De todos os deslocados que foram encaminhados para a ajuda psicológica, é este o caso que menos me preocupa. Às vezes, durante a conversa que mantenho com ela, consegue ser jovial. Há momentos, porém, em que se lhe turba o brilho dos olhos e as rugas do rosto, em que quase não se repara, conferem-lhe uma inesperada expressão de melancolia. É nestes momentos que sinto tocar a zona escura da sua alma.
Escuto-a. Conta-me coisas antigas dos seus tempos de moça, quando era a mulher mais formosa da aldeia e não havia homem que, perante si, ousasse ficar indiferente. Tempos difíceis para quem, como ela, trabalhava nos campos. Uns emigravam, outros, para não se afundarem na miséria, desenvolviam as mais variadas estratégias de sobrevivência. Ester saiu de casa dos pais e foi viver por conta de um poderoso senhor da cidade, um homem que mandava nas polícias de todo o distrito, guardador da ordem pública e dos silentes rebanhos de gente.

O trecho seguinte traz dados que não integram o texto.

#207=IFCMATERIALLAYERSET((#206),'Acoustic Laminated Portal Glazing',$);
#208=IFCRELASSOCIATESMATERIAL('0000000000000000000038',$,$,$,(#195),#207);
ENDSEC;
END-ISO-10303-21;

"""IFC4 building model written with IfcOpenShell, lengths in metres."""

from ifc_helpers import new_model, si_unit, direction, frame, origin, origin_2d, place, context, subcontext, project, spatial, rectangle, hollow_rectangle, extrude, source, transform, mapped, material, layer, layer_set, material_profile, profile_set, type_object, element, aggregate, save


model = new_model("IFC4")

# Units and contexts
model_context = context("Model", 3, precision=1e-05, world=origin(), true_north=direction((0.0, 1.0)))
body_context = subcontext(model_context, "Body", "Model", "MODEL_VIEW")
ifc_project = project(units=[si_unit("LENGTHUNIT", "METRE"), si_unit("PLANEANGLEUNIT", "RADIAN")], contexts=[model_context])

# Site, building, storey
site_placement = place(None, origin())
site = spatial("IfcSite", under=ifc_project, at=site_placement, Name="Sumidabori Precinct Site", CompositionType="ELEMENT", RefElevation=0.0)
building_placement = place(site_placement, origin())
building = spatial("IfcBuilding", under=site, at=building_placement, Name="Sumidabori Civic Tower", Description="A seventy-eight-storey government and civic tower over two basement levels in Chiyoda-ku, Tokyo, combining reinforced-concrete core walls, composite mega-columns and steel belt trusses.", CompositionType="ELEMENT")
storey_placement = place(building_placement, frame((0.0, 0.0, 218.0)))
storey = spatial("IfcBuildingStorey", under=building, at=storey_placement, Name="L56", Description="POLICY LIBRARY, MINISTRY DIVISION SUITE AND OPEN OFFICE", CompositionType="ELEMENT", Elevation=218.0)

Houve um período, porém, em que alastraram as reivindicações dos trabalhadores. No surto das greves, os homens e as mulheres ficavam em casa sem sair para os campos, as sementeiras a perderem-se pela renúncia dos braços. Era então que a Guarda procurava os desertores nos lugarejos ou nos tugúrios isolados onde viviam, metia-os em camionetas de caixa aberta à força do poder das espingardas e entregava-os nas terras dos senhores que ansiosamente esperavam pelos seus braços de aluguer. Ester acompanhou tudo da gaiola doirada onde vivia, serva e rainha na casa do poderoso senhor, e quando saiu a ordem para a detenção dos cabecilhas da revolta, correu a avisá-los, para que não os alcançasse o braço da lei. Salvou os perseguidos, mas perdeu-se a ela.

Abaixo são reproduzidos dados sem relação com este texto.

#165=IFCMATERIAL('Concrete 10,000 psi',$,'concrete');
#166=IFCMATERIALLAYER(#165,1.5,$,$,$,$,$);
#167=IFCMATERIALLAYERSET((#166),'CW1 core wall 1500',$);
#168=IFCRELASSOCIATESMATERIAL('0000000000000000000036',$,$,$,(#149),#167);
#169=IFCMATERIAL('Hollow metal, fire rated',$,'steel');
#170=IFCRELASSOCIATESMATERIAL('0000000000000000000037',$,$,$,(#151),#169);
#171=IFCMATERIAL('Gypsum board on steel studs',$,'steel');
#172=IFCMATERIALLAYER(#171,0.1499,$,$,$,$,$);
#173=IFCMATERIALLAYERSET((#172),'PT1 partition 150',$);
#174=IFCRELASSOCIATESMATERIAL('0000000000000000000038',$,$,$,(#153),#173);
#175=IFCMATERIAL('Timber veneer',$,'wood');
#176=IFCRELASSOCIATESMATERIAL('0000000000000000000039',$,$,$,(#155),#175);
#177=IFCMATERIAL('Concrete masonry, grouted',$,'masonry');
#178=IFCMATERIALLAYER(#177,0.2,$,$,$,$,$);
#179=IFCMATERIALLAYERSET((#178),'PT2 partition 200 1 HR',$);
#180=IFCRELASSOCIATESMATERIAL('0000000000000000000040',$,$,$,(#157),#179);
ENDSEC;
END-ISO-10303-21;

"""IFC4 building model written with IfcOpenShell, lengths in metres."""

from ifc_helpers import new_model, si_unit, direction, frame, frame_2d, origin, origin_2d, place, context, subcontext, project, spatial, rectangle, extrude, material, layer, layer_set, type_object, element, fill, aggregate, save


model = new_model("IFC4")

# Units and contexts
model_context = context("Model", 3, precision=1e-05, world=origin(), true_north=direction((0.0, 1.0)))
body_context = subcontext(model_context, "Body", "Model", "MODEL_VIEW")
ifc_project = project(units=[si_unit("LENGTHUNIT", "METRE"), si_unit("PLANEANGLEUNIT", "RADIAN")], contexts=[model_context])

Ao longo das sessões, venho notando que evita falar dos seus problemas, razão por que vem, semanalmente, ao meu gabinete. Pergunto-lhe o que pensa da nova aldeia, do canal de televisão e dos serviços de apoio do empreendimento, tento pegar no infeliz episódio da destruição do televisor, mas ela torneia as minhas questões. Responde-me evasivamente e, quando menos se espera, já se afunda no pélago das memórias. Memórias de água, diz-me em certo momento, e eu sinto que não posso insistir mais, que tenho de ouvir as suas recordações até ao último minuto da sessão, e que essa será a única forma de a poder ajudar.

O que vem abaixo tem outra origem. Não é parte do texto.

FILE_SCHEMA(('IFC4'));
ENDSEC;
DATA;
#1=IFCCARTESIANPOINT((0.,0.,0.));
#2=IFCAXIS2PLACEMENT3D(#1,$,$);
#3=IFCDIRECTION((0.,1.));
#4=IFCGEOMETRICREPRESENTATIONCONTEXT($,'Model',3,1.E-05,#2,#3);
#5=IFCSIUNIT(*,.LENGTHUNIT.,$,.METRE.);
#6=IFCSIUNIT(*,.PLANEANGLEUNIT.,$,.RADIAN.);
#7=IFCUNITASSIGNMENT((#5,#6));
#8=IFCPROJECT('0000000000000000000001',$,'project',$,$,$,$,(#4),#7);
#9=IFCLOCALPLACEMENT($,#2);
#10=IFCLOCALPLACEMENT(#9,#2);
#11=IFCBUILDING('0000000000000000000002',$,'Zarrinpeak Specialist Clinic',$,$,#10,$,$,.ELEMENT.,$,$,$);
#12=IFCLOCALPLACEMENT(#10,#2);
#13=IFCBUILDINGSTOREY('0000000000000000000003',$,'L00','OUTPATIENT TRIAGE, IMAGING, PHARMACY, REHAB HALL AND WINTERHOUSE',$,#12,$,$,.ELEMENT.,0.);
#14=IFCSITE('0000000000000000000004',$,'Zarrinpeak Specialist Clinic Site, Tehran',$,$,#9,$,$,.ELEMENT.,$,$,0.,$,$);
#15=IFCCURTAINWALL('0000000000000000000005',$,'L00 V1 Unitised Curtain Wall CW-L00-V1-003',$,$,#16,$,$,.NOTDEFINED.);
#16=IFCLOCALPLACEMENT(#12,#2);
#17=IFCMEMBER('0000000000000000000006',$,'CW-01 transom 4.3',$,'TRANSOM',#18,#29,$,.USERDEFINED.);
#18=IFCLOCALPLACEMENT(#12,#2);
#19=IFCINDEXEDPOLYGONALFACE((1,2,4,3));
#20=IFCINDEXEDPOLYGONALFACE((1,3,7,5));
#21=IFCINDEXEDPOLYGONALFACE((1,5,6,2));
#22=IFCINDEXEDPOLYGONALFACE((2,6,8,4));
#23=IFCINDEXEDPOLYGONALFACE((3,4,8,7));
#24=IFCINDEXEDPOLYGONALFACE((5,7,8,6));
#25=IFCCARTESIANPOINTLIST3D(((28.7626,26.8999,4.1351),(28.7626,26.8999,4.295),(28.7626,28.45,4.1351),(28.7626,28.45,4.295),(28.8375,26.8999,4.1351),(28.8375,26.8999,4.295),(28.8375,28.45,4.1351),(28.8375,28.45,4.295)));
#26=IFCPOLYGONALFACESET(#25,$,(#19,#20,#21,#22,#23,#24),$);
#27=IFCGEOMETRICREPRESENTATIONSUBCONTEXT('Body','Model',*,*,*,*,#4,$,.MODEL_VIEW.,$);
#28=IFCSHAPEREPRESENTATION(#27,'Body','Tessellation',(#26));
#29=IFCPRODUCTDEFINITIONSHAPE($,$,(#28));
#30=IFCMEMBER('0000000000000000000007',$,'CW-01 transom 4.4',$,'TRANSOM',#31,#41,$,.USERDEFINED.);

Fala-me de Josué, de Jonas, de Daniel, do infeliz Jacob que se finou na incandescência de uma tarde de Verão, à hora em que se fazia sentir, em toda a plenitude, o rescendor único das estevas do campo. Faz-me recuar aos tempos em que eram todos jovens, antes, muito antes de lhes submergirem as vidas e os afectos numa massa de água sustida por um paredão de cimento com noventa metros de altura. Fala-me de Salomé, a que repousa no leito do lago por o marido ter recusado a trasladação dos seus restos mortais. Salomé, uma mulher nervosa e beata que fez um filho fora do casamento e que saiu da aldeia por não ter sido capaz de enfrentar a reprovação geral dos conterrâneos. Voltou mais tarde, sem a criança, a qual, segundo ela, teria morrido. Verdade? Mentira? Nunca se soube ao certo. Salomé morreria uns anos mais tarde, ainda jovem, de um mal na barriga.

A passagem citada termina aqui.